Sebagai apresiasi, dalam upaya menunjang kegiatan bagi ATR/BPN untuk proses sertifikasi, PLN memberikan bantuan sarana prasarana kepada ATR/BPN Provinsi NTB berupa sarana kerja seperti PC dan printer sebanyak 33 unit.

Bantuan sarana prasarana tersebut nantinya akan di sebarkan merata kepada seluruh kantor pertanahan yang ada di kabupaten/kota yang ada di provinsi NTB.

Apresiasi tersebut disampaikan secara simbolik oleh PLH Senior Manager Perizinan, Pertanahan, dan Komunikasi, Zaky Adikta kepada Kepala Kantor ATR/BPN Provinsi NTB Slameto Dwi Martono, di kantor ATR/BPN Provinsi NTB di Mataram.

“ini merupakan apresiasi dan pengakuan atas komitmen yang profesional dari PLN terhadap ATR/BPN Provinsi NTB, atas kerja sama dan sinergi yang telah terjalin sampai dengan saat ini. PLN UIP Nusra memiliki kurang lebih empat ribu persil bidang tanah yang harus dilegalkan dan disertifikasi sebagai aset milik negara yang dipercayakan kepada PLN dan itu tersebar di Provinsi NTB dan NTT,” kata Zaky.

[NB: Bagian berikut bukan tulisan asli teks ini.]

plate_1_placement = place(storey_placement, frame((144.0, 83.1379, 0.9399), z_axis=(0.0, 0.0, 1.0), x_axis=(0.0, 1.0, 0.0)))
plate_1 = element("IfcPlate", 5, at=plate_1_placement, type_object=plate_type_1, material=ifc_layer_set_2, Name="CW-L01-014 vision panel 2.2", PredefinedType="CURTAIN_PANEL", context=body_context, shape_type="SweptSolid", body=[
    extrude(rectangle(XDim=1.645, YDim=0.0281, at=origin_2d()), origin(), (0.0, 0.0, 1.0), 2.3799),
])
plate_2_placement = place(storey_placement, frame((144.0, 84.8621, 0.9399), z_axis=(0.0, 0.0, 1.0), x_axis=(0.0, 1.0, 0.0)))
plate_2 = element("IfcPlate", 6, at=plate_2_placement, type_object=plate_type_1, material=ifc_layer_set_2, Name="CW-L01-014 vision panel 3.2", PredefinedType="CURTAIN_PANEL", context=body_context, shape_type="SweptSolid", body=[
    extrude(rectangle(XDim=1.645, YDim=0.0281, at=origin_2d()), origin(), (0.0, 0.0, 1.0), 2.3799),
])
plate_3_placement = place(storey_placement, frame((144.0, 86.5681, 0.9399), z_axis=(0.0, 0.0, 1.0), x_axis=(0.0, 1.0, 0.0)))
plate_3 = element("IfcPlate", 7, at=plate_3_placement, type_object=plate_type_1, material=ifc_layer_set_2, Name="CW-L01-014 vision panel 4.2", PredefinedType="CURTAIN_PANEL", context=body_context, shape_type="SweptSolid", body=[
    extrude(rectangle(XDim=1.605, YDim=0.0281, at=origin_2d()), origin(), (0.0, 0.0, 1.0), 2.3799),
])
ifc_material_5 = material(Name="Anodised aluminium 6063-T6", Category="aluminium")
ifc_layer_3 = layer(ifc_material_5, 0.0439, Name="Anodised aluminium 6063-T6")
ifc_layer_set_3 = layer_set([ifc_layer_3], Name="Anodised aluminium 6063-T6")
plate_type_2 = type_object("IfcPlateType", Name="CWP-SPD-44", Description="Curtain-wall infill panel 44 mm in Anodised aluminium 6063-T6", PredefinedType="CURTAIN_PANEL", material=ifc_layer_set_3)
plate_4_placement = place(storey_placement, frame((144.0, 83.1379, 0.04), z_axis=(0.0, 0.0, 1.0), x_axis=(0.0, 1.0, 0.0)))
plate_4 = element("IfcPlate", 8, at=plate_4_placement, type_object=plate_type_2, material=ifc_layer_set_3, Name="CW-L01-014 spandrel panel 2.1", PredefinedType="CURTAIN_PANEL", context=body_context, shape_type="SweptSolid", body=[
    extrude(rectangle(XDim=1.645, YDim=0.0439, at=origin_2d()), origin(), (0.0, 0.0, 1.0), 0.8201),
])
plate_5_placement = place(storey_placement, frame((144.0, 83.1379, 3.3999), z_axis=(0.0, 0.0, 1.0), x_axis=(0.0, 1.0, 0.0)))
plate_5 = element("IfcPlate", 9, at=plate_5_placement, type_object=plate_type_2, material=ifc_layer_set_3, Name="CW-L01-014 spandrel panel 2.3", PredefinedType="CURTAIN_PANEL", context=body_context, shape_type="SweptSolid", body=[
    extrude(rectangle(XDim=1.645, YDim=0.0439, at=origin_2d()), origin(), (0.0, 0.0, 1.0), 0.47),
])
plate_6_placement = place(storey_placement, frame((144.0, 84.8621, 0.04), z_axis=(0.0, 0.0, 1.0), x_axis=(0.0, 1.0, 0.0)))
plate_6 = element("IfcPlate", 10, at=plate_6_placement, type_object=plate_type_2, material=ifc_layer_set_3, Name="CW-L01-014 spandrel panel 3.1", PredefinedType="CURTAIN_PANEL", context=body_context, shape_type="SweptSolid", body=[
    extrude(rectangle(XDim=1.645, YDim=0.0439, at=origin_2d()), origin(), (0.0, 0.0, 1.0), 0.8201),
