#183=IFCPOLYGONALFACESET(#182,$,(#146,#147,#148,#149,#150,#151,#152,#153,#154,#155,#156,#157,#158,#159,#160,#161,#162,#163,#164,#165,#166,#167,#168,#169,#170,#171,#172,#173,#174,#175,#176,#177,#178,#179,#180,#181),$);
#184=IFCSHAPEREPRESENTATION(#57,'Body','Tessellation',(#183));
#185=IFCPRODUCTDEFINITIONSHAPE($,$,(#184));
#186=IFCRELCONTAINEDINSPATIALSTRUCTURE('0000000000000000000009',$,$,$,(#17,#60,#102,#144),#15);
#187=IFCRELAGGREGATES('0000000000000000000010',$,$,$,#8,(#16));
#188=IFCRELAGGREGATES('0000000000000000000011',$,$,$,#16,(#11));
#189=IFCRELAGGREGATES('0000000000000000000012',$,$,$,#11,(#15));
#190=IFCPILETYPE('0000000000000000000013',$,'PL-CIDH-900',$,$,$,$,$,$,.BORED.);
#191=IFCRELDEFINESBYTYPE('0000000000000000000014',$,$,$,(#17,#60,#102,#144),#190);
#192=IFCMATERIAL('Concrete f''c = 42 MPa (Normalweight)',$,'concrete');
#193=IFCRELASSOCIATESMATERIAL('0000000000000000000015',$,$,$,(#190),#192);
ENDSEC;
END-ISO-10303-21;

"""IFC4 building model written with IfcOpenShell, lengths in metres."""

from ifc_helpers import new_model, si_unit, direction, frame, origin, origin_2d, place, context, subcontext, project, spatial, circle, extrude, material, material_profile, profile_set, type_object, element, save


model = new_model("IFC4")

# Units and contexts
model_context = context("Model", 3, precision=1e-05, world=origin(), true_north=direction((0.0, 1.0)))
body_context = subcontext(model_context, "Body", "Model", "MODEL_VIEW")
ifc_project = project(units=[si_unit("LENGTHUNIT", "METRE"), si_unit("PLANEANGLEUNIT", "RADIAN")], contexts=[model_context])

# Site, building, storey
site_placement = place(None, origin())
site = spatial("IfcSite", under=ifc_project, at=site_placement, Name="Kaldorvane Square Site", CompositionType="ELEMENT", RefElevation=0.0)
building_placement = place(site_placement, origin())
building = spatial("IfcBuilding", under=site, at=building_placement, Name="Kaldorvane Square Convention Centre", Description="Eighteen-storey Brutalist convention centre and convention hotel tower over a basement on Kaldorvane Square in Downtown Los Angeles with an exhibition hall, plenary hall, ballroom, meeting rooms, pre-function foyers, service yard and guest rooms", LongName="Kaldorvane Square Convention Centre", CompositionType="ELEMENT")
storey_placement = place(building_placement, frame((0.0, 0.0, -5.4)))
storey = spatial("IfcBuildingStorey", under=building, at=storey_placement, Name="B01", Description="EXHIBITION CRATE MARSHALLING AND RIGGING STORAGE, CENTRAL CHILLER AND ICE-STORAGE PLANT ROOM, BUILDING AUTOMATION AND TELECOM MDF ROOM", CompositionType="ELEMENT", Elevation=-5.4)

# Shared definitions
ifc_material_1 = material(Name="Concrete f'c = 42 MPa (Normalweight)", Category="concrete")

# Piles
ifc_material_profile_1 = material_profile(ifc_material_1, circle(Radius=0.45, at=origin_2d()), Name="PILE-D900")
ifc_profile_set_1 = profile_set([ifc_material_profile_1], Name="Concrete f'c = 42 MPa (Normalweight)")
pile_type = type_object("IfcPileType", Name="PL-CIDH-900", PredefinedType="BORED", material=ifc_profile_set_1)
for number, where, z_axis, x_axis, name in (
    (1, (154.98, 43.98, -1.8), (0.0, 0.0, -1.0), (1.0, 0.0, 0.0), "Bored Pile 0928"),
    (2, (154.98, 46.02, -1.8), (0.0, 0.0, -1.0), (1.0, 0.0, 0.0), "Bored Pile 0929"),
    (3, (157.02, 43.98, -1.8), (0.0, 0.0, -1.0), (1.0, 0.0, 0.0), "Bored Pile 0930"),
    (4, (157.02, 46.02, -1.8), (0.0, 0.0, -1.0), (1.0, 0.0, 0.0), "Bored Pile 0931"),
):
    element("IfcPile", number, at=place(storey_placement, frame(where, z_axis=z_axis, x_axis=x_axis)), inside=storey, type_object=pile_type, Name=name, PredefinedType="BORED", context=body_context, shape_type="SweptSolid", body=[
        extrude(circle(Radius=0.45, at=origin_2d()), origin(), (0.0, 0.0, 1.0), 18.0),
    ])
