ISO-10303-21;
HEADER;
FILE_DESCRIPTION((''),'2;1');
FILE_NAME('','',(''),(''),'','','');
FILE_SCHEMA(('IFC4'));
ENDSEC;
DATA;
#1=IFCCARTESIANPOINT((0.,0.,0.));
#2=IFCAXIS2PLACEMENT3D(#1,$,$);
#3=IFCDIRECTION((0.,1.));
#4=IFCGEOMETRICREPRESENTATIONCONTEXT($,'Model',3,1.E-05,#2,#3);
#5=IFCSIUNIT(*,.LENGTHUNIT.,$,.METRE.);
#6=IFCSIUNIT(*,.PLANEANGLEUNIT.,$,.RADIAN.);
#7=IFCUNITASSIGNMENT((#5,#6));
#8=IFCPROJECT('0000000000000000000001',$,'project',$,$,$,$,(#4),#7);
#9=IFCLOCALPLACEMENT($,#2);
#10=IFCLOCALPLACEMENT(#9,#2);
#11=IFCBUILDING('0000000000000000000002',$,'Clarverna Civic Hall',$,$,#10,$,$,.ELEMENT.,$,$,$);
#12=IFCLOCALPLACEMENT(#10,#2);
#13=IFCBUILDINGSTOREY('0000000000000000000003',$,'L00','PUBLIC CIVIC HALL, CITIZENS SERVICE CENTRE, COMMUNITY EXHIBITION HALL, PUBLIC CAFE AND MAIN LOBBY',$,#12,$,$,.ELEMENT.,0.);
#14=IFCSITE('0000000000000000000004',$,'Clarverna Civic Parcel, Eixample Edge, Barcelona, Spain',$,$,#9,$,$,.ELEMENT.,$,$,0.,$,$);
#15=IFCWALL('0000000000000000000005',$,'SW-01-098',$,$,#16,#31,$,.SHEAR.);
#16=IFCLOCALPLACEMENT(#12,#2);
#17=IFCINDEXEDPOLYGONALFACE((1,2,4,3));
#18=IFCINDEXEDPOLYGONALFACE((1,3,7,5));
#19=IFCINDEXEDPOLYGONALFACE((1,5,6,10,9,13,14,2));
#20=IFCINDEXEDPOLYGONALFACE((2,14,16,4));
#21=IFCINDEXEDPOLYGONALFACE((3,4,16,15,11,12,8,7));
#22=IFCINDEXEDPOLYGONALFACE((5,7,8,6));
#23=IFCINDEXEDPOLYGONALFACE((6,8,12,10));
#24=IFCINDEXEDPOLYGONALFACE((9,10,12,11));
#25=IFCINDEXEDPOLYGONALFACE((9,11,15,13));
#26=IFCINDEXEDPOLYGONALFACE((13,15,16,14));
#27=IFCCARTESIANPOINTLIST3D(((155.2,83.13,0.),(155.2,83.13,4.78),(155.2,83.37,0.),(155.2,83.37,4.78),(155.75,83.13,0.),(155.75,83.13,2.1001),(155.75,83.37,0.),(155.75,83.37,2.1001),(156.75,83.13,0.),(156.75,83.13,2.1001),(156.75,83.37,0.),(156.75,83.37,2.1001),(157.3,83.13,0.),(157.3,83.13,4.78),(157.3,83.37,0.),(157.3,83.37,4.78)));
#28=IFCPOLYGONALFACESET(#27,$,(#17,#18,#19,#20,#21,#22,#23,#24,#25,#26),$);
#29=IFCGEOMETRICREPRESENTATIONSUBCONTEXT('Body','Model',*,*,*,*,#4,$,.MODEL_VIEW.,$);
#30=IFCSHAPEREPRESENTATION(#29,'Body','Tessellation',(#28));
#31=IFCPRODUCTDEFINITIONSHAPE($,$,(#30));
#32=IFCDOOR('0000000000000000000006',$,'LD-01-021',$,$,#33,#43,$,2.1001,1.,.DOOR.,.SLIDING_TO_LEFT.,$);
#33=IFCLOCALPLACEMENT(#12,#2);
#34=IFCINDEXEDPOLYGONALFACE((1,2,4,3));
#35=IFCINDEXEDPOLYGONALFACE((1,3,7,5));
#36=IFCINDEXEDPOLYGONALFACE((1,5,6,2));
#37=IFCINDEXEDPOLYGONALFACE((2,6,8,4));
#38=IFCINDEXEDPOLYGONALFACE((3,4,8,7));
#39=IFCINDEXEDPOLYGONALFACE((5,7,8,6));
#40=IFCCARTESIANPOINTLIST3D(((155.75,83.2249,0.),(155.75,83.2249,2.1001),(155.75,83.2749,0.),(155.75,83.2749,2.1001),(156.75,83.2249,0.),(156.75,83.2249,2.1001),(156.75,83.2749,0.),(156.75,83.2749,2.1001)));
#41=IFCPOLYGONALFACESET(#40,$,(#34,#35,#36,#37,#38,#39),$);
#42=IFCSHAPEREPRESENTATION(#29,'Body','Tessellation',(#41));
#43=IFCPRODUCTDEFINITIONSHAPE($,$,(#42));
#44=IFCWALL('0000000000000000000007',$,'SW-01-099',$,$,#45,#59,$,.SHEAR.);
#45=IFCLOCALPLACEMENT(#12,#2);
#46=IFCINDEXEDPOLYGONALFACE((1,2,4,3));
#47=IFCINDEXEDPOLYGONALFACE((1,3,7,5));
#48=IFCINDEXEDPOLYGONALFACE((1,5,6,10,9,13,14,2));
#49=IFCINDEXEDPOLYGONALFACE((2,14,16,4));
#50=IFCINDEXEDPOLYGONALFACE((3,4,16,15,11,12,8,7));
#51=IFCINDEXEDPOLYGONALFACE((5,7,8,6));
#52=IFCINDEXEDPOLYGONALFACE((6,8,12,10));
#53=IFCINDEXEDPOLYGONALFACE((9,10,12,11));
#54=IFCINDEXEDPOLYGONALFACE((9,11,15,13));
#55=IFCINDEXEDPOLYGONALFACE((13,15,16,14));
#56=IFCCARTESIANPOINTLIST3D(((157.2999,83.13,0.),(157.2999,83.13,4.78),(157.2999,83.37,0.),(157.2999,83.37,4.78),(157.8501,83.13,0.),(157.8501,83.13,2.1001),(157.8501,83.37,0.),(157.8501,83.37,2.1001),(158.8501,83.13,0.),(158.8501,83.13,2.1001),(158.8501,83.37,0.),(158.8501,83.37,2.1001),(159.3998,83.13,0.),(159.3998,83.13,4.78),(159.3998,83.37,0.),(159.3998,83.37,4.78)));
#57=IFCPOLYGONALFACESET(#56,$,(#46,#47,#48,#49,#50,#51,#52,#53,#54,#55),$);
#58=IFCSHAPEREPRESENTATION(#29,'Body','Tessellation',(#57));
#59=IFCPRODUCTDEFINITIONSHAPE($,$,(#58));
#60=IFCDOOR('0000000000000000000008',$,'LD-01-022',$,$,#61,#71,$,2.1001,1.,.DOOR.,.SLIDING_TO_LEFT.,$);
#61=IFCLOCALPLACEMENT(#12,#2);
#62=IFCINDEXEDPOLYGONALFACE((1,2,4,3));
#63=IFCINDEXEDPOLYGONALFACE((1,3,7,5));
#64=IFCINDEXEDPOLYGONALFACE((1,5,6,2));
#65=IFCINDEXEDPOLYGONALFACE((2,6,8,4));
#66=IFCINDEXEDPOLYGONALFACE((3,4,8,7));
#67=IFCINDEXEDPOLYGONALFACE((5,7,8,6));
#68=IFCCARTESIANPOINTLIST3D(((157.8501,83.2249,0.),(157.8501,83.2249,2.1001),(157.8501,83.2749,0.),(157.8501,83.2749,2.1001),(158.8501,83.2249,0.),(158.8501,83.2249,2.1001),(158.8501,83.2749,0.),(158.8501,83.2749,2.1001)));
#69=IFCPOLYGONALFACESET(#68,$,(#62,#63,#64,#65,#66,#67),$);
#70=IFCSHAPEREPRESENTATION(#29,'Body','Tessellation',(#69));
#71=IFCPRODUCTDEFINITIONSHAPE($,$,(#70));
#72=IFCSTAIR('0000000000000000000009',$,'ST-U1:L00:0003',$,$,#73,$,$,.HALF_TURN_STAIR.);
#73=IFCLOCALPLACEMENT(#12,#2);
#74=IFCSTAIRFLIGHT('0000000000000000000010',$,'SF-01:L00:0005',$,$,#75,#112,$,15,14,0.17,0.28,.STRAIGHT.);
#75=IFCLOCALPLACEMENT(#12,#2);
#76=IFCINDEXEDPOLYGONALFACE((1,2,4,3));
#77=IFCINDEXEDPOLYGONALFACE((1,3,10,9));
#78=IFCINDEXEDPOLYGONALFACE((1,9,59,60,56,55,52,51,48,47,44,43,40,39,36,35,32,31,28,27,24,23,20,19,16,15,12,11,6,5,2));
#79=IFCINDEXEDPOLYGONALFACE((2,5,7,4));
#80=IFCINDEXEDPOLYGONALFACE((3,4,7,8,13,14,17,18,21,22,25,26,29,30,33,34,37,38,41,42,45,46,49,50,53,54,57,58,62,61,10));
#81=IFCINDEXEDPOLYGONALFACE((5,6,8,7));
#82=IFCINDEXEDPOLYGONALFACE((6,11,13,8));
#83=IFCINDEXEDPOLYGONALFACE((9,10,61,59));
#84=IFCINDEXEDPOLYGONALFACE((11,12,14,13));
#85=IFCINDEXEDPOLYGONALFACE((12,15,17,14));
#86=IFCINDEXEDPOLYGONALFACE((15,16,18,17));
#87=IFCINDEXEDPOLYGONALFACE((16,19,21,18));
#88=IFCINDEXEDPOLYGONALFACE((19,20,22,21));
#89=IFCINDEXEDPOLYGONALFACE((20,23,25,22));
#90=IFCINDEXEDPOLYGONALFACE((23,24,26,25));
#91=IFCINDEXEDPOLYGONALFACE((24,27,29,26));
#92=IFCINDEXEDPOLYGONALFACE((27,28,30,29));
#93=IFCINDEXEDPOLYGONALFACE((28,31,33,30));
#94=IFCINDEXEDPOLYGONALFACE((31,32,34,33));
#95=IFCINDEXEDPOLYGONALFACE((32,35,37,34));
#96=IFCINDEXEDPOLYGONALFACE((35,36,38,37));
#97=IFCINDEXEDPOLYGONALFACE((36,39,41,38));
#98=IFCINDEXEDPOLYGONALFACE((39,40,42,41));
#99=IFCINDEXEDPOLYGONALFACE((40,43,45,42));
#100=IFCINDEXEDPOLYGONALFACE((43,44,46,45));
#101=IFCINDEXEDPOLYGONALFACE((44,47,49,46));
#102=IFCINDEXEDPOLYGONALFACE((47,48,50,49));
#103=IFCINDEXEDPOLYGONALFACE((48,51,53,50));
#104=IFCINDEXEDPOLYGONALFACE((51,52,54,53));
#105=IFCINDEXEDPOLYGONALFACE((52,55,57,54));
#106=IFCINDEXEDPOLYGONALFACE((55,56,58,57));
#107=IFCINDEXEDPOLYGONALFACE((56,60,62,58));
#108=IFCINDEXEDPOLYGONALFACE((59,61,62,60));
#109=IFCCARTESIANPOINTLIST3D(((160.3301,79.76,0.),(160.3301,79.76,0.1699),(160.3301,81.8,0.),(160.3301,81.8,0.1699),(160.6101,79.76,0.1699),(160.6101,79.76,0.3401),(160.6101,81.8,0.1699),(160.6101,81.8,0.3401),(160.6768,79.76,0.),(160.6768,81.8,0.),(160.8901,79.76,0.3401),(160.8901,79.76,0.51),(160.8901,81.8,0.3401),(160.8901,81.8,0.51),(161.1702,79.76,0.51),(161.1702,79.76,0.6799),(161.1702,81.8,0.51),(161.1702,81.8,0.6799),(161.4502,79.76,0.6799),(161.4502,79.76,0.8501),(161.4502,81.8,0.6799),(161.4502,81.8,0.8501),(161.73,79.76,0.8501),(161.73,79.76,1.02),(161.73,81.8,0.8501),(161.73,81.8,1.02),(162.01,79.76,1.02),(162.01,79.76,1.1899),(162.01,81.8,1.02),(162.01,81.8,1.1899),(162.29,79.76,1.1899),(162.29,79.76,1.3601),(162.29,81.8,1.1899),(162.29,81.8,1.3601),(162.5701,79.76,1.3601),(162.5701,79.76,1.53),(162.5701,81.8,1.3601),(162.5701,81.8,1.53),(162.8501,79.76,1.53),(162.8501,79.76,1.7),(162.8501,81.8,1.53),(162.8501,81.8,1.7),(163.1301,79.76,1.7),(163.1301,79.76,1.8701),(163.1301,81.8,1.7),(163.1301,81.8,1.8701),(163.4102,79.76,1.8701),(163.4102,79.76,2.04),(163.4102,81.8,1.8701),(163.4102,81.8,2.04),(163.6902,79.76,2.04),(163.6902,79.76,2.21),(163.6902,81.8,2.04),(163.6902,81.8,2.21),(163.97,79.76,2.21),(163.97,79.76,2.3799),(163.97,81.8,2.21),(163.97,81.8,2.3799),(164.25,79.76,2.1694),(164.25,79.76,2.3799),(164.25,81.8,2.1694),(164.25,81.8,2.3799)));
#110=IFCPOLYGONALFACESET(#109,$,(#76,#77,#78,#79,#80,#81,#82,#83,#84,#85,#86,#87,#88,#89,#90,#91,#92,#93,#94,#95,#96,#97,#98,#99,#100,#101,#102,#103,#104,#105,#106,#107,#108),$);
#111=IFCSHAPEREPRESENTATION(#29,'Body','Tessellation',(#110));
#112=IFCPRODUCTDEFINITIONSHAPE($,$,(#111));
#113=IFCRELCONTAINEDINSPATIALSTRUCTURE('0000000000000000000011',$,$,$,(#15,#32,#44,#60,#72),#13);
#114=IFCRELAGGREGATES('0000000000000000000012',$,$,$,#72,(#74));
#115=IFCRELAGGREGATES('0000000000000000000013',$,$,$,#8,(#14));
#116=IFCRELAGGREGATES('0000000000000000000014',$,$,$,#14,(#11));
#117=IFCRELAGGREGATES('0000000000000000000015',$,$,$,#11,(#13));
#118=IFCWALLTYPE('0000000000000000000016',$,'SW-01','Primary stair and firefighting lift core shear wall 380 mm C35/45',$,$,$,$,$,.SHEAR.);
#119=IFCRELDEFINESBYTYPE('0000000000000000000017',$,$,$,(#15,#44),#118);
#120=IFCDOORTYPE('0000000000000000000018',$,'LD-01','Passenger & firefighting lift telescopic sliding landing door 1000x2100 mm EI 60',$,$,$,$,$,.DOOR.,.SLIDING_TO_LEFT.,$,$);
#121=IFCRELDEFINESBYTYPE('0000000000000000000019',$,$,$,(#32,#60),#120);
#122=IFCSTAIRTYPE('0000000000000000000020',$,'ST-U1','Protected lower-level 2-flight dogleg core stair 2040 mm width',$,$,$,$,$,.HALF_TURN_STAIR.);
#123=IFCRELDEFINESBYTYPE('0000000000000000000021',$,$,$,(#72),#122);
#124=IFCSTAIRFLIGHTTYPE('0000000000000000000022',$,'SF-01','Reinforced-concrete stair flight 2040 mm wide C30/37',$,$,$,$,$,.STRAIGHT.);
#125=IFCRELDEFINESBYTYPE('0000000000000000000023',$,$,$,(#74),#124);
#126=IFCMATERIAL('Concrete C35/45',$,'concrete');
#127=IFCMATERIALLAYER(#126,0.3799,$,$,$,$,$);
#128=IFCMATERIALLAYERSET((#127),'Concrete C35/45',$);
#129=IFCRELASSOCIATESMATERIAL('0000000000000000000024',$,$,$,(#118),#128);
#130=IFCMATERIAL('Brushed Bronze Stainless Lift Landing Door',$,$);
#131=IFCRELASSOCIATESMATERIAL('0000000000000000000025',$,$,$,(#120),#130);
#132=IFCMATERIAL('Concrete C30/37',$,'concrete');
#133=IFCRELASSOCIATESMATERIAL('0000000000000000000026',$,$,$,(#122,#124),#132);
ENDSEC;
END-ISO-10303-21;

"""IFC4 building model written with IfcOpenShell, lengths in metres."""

from ifc_helpers import new_model, si_unit, direction, frame, frame_2d, origin, place, context, subcontext, project, spatial, polyline, rectangle, outline, extrude, material, layer, layer_set, type_object, element, fill, aggregate, save


model = new_model("IFC4")

# Units and contexts
model_context = context("Model", 3, precision=1e-05, world=origin(), true_north=direction((0.0, 1.0)))
body_context = subcontext(model_context, "Body", "Model", "MODEL_VIEW")
ifc_project = project(units=[si_unit("LENGTHUNIT", "METRE"), si_unit("PLANEANGLEUNIT", "RADIAN")], contexts=[model_context])

# Site, building, storey
site_placement = place(None, origin())
site = spatial("IfcSite", under=ifc_project, at=site_placement, Name="Clarverna Civic Parcel, Eixample Edge, Barcelona, Spain", CompositionType="ELEMENT", RefElevation=0.0)
building_placement = place(site_placement, origin())
building = spatial("IfcBuilding", under=site, at=building_placement, Name="Clarverna Civic Hall", CompositionType="ELEMENT")
storey_placement = place(building_placement, origin())
storey = spatial("IfcBuildingStorey", under=building, at=storey_placement, Name="L00", Description="PUBLIC CIVIC HALL, CITIZENS SERVICE CENTRE, COMMUNITY EXHIBITION HALL, PUBLIC CAFE AND MAIN LOBBY", CompositionType="ELEMENT", Elevation=0.0)

# Shared definitions
ifc_material_1 = material(Name="Concrete C35/45", Category="concrete")

# Shared definitions
ifc_layer = layer(ifc_material_1, 0.3799)
ifc_layer_set = layer_set([ifc_layer], Name="Concrete C35/45")
wall_type = type_object("IfcWallType", Name="SW-01", Description="Primary stair and firefighting lift core shear wall 380 mm C35/45", PredefinedType="SHEAR", material=ifc_layer_set)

Zaky menambahkan PLN UIP Nusra masih terus berkomitmen untuk melakukan sertifikasi terhadap aset-aset perusahaan, dengan target pada 2021 berjumlah 1.100 sertifikat di dua provinsi, yakni NTB dan NTT.

Kepala Kantor ATR/BPN Provinsi NTB Slameto Dwi Martono, pada kesempatan yang sama juga menambahkan bahwa, pergerakan tim ATR/BPN di kantor-kantor pertanahan kabupaten/kota sudah sangat sinergi dengan tim PLN.

“Apabila tim dilapangan menemukan kendala, respon yang sangat baik ditunjukan oleh tim PLN, dan dapat direspon baik juga oleh tim kami di kantah-kantah di daerah,” ujarnya.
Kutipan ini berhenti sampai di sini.